The division was engaged in almost continuous fighting in Russia over the next three years. After heavy losses in the vicinity of the Cherkassy Pocket at the Hnyly Tikych river south of Zhashkiv and during battles around Uman, the division had to be replenished in May 1944 by the Schatten Division Neuhammer.

In July 1944 the division was transferred to Armeeabteilung Zangen in Italy, around Genoa.
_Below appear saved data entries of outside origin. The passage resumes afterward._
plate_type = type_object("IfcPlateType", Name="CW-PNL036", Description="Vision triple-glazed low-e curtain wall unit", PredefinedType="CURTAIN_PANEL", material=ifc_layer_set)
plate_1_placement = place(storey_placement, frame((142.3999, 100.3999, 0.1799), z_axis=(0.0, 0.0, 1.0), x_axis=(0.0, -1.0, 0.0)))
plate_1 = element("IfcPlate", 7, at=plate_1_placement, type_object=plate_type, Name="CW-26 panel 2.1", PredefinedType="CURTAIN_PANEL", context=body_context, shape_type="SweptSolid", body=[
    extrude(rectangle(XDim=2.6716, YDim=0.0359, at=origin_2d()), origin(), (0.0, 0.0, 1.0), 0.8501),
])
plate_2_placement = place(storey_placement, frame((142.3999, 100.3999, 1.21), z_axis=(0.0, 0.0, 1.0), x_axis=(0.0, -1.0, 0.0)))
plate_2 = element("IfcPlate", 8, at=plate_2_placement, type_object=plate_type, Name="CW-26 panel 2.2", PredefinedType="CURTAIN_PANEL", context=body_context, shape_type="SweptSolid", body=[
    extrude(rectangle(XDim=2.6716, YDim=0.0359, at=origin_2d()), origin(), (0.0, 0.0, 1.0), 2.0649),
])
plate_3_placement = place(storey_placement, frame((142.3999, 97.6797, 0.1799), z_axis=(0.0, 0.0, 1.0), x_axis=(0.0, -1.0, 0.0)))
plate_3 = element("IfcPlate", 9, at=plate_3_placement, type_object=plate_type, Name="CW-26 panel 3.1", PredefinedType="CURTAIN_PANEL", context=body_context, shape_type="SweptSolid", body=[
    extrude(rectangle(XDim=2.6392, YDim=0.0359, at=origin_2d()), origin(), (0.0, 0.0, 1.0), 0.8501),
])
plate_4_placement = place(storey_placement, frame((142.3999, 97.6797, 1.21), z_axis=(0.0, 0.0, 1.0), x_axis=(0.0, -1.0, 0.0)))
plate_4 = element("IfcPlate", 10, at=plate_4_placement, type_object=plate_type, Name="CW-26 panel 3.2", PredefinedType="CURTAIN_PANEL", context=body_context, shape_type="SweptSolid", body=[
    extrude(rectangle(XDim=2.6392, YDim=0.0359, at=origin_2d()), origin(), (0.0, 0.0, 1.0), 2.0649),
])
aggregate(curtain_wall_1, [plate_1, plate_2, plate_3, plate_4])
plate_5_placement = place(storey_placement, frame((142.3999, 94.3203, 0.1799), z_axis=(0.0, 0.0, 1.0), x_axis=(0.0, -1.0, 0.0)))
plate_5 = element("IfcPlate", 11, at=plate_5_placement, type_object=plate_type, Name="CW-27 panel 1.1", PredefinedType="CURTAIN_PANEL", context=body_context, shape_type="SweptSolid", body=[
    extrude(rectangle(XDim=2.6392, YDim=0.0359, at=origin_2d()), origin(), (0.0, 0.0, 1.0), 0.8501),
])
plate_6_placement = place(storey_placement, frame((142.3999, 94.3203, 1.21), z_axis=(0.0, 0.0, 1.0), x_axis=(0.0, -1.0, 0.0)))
The division fought in the Second Battle of the Alps and capitulated in April 1945.

== Order of Battle ==
The structure of the division was as follows;

- Divisional Staff
- 24th Signal Battalion
- 34th Reconnaissance Battalion
- 80th Infantry Regiment
- 105th Infantry Regiment (replaced by 253rd Infantry Regiment after mobilisation in 1939)
- 107th Infantry Regiment
- 34th Field Replacement Battalion
- 34th Artillery Regiment (originally 3 battalions, later 4)
- 34th Anti-Tank Battalion (Panzerjäger)
- 34th Engineer Battalion
- 34th Divisional Supply and Support Column

==Commanding officers==
- Generalleutnant Erich Lüdke, 1 April 1936 – 1 October 1937
- Generalmajor Max von Viebahn, 1 October 1937 – 1 March 1938
- Generalleutnant Friedrich Bremer, 1 March 1938 – 1 April 1939
- General der Artillerie Hans Behlendorff, 19 July 1939 – 10 May 1940
- Generalleutnant Werner Sanne, 11 May 1940 – 1 November 1940
- General der Artillerie Hans Behlendorff, 1 November 1940 – 18 October 1941
- Generalleutnant Friedrich Fürst, 18 October 1941 – 5 September 1942
- Generalleutnant Theodor Scherer, 5 September 1942 – 2 November 1942
- General der Infanterie Friedrich Hochbaum, 2 November 1942 – 31 May 1944
- Generalleutnant Theobald Lieb, 31 May 1944 – 1945
- Oberst Ferdinand Hippel, 1945

==War crimes==
Elements of the division have been implicated in the Grugliasco massacre, Piedmont, alongside the 5th Mountain Division, where, on 30 April 1945, 67 civilians were executed.

On 7 December 1944 a patrol of the division, led by a local spy, broke into the "Vittoria" hotel in the village of Grimaldi, municipality of Ventimiglia, and captured three families who had found shelter there. The twelve prisoners were then taken out of the hotel and shot there.